Actuellement, les déchets d’emballages (plastiques, aluminium, etc.) sont collectés via des containers de tri sélectif et envoyé pour traitement sur le continent, ou jetés sans tri sélectif et destiné à être enfoui en Corse, dans des sites en limite de stockage.

Objectifs

Nous voudrions agir en rupture avec ces méthodes, et montrer que l’on peut recycler et réutiliser ces déchets plastique localement.
Bien entendu, au regard des volumes produits en Corse en général, et dans le bassin ajaccien en particulier, cette démarche ne pourra traiter qu’une partie des déchets.
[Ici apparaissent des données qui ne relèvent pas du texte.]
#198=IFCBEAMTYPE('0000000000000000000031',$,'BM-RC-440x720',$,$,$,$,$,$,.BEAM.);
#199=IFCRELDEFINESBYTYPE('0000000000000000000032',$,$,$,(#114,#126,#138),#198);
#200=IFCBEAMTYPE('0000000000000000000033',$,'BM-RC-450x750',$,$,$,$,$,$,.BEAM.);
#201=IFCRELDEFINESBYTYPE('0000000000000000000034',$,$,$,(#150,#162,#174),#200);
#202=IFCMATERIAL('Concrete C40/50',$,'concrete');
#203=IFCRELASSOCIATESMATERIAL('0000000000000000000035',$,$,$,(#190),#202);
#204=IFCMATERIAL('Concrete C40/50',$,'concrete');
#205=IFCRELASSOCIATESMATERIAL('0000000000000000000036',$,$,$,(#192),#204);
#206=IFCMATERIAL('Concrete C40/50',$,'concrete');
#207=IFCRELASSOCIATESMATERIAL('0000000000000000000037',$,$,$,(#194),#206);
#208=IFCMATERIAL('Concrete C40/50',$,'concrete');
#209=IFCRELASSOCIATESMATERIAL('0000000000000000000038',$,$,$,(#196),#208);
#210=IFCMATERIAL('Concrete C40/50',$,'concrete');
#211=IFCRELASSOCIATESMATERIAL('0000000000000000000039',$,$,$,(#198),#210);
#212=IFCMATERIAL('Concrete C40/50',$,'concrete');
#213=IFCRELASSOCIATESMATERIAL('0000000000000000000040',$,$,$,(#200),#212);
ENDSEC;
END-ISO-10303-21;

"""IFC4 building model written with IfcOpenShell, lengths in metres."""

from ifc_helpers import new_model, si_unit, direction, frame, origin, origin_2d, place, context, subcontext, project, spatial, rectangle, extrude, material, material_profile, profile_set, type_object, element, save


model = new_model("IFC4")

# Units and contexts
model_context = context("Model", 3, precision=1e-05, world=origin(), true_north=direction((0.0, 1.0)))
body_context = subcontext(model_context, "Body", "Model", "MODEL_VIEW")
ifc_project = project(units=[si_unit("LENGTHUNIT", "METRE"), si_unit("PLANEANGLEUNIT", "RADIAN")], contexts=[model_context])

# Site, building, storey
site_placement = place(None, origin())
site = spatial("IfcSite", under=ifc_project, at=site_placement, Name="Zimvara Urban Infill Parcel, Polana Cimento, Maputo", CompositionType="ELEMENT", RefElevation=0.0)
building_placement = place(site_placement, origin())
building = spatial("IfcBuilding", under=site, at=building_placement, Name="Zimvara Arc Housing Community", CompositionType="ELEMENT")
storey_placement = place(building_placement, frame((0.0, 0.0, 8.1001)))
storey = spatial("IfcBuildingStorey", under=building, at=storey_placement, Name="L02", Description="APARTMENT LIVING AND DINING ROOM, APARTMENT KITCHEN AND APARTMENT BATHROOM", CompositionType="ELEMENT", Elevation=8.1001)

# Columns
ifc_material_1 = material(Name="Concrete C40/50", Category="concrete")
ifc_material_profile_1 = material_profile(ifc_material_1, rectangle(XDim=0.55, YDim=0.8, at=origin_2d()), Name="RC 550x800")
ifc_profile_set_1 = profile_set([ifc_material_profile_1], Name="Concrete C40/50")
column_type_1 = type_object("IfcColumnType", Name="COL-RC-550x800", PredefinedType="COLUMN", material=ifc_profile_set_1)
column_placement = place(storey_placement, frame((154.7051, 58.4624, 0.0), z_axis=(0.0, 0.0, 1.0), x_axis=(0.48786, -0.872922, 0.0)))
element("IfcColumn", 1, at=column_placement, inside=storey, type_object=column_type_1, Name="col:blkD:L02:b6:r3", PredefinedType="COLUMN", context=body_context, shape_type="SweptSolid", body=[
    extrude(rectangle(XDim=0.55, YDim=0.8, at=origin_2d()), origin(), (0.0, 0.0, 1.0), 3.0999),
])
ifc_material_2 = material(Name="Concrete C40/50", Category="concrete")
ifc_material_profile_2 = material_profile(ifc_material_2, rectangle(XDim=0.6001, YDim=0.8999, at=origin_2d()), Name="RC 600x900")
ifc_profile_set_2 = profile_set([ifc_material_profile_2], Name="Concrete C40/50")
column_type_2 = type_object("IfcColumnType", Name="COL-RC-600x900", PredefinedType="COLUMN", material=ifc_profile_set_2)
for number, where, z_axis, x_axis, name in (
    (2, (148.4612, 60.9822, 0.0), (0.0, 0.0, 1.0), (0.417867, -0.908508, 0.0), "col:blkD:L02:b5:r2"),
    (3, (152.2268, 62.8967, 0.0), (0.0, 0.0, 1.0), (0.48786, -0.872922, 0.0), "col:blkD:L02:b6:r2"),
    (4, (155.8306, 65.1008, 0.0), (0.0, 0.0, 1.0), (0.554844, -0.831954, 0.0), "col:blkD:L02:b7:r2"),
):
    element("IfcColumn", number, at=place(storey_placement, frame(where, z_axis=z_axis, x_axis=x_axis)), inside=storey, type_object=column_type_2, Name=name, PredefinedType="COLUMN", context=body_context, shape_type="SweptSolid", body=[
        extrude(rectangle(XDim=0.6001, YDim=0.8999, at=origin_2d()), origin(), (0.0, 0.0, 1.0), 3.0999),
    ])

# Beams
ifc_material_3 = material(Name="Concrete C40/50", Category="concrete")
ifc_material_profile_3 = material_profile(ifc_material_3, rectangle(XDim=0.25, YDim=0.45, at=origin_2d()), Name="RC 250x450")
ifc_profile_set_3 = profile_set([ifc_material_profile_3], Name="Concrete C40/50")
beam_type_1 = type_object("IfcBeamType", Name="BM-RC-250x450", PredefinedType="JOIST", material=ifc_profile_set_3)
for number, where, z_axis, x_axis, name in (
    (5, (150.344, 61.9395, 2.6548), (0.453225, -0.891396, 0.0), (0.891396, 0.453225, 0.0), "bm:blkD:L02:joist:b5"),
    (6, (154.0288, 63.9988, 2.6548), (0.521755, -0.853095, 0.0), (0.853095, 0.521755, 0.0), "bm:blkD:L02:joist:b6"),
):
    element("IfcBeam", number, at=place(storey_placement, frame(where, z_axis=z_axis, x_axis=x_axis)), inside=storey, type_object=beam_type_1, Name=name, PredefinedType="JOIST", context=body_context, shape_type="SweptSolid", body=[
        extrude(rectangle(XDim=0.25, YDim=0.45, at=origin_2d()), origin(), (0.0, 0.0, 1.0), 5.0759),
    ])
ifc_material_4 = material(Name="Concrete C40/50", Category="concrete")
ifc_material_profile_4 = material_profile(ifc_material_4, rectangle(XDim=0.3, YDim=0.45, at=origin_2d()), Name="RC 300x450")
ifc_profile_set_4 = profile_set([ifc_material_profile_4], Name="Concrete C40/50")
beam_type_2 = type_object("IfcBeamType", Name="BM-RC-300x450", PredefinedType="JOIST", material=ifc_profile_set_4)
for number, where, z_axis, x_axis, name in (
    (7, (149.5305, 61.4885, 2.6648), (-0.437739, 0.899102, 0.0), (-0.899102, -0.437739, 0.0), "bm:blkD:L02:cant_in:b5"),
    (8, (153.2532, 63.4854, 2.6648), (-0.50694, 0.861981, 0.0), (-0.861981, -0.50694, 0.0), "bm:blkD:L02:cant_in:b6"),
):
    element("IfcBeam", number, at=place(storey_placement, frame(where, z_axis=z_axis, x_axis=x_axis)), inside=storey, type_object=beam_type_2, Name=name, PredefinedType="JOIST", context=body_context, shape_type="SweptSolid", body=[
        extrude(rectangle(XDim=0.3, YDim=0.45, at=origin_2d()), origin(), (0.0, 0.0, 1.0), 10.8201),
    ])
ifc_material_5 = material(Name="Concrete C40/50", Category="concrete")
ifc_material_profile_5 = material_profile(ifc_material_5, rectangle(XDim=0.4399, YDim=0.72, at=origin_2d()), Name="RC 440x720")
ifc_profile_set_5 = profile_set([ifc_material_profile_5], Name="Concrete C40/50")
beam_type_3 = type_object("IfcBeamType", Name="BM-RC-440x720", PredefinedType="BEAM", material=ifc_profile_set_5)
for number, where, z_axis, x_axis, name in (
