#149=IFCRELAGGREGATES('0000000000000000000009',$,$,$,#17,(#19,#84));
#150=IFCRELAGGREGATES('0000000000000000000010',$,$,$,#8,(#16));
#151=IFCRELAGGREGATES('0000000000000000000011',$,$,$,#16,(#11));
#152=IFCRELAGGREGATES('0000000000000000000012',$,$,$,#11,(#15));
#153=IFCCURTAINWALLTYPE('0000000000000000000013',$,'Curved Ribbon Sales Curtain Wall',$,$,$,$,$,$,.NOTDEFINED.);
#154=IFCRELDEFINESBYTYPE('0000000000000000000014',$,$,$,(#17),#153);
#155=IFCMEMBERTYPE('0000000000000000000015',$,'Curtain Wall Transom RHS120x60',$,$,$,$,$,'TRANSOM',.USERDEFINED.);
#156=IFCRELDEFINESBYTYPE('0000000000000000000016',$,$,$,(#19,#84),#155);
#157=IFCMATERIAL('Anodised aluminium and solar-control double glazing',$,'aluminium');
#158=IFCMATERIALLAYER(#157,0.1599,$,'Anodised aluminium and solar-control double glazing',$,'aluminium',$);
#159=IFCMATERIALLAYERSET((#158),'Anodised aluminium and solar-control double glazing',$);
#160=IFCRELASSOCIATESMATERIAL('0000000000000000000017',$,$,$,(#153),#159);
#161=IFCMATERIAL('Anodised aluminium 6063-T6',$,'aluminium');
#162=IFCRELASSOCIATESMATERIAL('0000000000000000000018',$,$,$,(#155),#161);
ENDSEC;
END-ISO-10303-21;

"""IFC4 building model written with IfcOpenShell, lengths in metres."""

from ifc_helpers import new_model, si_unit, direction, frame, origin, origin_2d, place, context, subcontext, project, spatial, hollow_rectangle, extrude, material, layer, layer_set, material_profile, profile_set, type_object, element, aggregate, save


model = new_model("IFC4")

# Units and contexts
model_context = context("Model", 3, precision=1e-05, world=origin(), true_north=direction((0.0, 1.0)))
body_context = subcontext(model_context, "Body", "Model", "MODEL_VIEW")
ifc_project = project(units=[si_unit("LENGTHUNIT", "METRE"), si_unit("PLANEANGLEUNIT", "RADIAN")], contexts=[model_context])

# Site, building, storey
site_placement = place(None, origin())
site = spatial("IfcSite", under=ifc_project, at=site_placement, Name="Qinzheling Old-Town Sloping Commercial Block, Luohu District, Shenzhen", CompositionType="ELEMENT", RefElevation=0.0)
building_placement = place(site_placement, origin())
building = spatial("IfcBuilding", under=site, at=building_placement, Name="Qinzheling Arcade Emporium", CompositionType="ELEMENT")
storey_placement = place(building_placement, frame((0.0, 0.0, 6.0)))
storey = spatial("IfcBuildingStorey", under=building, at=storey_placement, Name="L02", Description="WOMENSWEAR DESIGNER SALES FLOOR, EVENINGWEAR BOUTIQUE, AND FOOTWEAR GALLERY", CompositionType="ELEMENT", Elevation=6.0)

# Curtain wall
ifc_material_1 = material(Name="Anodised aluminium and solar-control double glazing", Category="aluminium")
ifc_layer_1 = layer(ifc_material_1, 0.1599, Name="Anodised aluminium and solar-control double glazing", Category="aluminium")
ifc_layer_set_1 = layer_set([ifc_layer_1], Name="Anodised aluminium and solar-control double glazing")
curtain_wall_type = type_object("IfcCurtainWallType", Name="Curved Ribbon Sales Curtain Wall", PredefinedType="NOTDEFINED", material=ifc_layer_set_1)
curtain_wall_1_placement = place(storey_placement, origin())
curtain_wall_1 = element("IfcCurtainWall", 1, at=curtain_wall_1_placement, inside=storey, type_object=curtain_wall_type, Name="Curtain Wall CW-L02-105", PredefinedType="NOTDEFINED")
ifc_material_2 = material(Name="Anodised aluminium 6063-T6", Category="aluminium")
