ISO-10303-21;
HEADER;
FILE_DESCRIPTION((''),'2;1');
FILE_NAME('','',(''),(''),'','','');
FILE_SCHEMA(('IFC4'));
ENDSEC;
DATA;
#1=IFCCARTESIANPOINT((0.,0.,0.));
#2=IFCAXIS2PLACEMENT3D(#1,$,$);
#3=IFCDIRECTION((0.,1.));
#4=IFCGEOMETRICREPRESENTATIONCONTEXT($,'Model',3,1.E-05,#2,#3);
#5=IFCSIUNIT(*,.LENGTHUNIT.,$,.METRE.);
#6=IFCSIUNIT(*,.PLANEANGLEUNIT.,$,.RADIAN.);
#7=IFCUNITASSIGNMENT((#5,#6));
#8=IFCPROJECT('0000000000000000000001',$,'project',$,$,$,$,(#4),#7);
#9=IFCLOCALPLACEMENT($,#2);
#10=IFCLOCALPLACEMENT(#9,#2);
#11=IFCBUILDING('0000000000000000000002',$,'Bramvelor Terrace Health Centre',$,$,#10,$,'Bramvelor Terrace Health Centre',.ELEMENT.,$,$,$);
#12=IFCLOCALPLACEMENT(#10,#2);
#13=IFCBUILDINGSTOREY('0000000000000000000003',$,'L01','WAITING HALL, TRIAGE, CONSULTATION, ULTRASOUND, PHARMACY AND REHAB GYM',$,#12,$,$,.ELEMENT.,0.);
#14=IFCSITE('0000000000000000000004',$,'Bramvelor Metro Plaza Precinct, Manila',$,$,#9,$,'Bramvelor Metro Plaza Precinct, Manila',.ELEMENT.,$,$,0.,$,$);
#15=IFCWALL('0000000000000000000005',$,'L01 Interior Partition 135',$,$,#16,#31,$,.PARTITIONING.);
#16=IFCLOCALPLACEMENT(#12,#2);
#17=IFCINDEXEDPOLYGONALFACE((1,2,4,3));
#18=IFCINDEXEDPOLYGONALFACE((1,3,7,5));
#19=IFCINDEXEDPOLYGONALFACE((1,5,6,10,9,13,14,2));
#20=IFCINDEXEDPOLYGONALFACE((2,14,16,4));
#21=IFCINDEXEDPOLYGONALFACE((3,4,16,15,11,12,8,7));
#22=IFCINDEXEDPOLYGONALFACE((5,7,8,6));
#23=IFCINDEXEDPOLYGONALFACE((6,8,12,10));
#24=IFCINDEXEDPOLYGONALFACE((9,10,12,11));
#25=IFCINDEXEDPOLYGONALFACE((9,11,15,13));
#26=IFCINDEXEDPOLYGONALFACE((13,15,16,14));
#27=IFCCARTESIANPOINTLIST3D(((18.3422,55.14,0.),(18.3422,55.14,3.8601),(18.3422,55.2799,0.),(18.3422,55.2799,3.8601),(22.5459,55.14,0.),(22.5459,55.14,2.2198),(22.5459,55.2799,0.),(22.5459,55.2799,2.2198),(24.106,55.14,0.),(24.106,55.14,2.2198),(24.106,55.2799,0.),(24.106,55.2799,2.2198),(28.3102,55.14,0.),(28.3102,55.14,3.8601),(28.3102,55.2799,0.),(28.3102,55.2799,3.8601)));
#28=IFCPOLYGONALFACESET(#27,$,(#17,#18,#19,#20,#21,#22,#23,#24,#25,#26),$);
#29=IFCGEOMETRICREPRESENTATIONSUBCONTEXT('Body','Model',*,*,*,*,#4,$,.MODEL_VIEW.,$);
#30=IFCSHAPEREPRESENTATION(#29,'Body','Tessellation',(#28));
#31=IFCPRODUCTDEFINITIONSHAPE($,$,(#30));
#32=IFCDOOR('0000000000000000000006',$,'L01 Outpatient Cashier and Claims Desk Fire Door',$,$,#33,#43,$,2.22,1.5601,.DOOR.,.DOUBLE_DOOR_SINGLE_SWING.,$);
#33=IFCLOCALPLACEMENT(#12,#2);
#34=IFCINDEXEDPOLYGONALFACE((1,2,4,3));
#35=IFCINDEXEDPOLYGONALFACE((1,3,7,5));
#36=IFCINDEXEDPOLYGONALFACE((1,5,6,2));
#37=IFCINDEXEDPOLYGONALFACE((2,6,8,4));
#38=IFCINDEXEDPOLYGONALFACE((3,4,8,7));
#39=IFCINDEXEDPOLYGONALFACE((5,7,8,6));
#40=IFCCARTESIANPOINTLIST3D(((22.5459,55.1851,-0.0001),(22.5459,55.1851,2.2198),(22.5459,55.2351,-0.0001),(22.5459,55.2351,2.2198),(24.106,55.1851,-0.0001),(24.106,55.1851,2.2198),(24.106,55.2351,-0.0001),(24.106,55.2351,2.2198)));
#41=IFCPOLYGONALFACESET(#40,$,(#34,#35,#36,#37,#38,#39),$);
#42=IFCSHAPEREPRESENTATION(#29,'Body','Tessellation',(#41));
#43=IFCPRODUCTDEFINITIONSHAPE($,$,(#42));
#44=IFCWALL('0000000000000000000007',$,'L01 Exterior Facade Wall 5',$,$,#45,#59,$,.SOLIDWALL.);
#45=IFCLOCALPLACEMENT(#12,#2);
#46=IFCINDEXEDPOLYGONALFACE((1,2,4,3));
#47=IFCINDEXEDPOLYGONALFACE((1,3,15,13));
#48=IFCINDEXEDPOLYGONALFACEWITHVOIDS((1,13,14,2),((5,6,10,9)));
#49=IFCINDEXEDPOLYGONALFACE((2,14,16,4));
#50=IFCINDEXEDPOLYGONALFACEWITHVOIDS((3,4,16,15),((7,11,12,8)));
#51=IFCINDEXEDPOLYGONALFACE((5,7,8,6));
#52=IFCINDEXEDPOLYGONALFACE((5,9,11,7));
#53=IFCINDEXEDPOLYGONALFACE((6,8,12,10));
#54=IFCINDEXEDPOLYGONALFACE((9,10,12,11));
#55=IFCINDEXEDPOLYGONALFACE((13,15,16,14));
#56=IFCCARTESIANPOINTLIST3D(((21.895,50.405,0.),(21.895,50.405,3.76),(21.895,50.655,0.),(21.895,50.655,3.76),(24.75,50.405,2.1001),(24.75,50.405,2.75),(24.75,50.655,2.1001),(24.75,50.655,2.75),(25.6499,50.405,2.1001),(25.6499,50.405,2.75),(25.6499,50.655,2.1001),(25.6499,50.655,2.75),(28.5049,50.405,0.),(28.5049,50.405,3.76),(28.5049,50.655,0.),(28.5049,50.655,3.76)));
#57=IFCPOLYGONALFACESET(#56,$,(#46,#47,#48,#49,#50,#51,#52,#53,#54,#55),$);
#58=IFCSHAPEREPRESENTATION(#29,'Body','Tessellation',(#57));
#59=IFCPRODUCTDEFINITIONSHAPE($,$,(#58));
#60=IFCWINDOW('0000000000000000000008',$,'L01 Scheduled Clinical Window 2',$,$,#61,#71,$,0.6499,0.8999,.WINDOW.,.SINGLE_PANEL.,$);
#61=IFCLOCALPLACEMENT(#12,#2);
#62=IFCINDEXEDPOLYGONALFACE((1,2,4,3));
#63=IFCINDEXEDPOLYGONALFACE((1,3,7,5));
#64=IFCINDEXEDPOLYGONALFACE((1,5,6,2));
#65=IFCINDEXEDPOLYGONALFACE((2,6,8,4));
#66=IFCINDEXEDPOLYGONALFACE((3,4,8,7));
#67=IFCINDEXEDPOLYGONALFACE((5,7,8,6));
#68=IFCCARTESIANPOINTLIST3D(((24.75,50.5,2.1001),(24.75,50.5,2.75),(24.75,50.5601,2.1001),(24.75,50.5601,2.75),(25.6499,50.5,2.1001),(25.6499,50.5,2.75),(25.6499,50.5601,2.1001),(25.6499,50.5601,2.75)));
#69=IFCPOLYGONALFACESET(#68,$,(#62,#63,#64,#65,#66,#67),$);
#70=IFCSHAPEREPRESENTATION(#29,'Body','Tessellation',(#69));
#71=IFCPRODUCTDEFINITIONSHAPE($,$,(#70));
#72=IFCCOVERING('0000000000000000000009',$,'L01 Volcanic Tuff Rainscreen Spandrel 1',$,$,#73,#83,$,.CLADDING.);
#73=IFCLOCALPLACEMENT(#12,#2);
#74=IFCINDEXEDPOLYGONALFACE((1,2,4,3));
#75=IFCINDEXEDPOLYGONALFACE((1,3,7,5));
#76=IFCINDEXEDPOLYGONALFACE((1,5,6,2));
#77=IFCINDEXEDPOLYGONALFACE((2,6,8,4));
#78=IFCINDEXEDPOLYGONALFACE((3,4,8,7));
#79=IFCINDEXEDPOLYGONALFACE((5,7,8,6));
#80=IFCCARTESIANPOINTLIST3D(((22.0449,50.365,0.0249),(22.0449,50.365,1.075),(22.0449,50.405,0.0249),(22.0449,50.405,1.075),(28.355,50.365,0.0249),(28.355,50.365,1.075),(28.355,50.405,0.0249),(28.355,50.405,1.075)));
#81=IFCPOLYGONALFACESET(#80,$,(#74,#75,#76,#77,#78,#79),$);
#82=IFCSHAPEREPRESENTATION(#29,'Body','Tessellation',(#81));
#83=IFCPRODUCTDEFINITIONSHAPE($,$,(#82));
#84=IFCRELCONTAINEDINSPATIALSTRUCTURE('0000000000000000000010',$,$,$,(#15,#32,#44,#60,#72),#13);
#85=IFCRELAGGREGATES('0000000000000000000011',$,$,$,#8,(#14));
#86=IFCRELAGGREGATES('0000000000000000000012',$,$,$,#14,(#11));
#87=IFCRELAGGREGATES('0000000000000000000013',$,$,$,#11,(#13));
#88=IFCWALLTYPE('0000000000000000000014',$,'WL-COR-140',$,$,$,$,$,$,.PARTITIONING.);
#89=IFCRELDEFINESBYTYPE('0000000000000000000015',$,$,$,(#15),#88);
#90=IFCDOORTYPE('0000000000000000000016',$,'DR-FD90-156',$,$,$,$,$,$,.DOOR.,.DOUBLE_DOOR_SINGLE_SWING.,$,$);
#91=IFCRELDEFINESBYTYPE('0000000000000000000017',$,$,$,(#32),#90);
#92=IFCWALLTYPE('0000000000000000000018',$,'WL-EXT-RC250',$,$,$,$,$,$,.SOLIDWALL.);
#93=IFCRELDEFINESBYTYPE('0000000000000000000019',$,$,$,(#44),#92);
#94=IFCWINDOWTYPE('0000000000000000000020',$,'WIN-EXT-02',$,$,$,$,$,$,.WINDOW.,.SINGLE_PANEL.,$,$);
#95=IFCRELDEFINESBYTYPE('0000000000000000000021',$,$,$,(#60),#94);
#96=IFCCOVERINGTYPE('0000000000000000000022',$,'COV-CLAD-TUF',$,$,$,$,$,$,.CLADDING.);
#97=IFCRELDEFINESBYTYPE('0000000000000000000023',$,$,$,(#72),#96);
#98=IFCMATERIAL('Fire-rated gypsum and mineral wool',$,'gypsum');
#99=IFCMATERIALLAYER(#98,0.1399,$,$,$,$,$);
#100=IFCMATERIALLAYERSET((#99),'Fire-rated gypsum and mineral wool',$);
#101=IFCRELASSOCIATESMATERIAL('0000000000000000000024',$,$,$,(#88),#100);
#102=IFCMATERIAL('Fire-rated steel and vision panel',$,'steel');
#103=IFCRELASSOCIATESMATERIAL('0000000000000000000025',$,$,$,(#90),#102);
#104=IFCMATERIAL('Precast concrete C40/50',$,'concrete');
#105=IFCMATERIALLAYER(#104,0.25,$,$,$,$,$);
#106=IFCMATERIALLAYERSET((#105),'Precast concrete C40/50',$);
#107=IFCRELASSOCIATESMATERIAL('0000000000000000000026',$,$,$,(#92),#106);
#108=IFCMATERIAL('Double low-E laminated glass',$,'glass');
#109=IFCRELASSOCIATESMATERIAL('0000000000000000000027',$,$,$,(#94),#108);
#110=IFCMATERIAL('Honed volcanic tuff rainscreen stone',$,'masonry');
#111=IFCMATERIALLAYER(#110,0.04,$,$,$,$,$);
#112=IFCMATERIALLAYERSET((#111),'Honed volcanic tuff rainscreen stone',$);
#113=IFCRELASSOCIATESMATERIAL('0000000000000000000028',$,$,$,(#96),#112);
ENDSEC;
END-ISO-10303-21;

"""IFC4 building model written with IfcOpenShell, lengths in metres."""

from ifc_helpers import new_model, si_unit, direction, frame, frame_2d, origin, origin_2d, place, context, subcontext, project, spatial, rectangle, extrude, material, layer, layer_set, type_object, element, fill, save


model = new_model("IFC4")

# Units and contexts
model_context = context("Model", 3, precision=1e-05, world=origin(), true_north=direction((0.0, 1.0)))
body_context = subcontext(model_context, "Body", "Model", "MODEL_VIEW")
ifc_project = project(units=[si_unit("LENGTHUNIT", "METRE"), si_unit("PLANEANGLEUNIT", "RADIAN")], contexts=[model_context])

# Site, building, storey
site_placement = place(None, origin())
site = spatial("IfcSite", under=ifc_project, at=site_placement, Name="Bramvelor Metro Plaza Precinct, Manila", LongName="Bramvelor Metro Plaza Precinct, Manila", CompositionType="ELEMENT", RefElevation=0.0)
building_placement = place(site_placement, origin())
building = spatial("IfcBuilding", under=site, at=building_placement, Name="Bramvelor Terrace Health Centre", LongName="Bramvelor Terrace Health Centre", CompositionType="ELEMENT")
storey_placement = place(building_placement, origin())
storey = spatial("IfcBuildingStorey", under=building, at=storey_placement, Name="L01", Description="WAITING HALL, TRIAGE, CONSULTATION, ULTRASOUND, PHARMACY AND REHAB GYM", CompositionType="ELEMENT", Elevation=0.0)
Néanmoins, elle devrait permettre de tester en conditions réelles la collecte ciblée et le recyclage, mais aussi de sensibiliser les gens de façon concrète.

Collecter le gisement

On collecte un gisement déjà « surtrié », avec les différents types de plastiques séparés.

Par exemple, grâce à un partenariat de type CHR (Café Hôtel Restaurant), on récolte exclusivement des bouteilles d’eau en plastique, des canettes en métal (acier, aluminium,...), mais aussi des gobelets jetables, des pailles, etc...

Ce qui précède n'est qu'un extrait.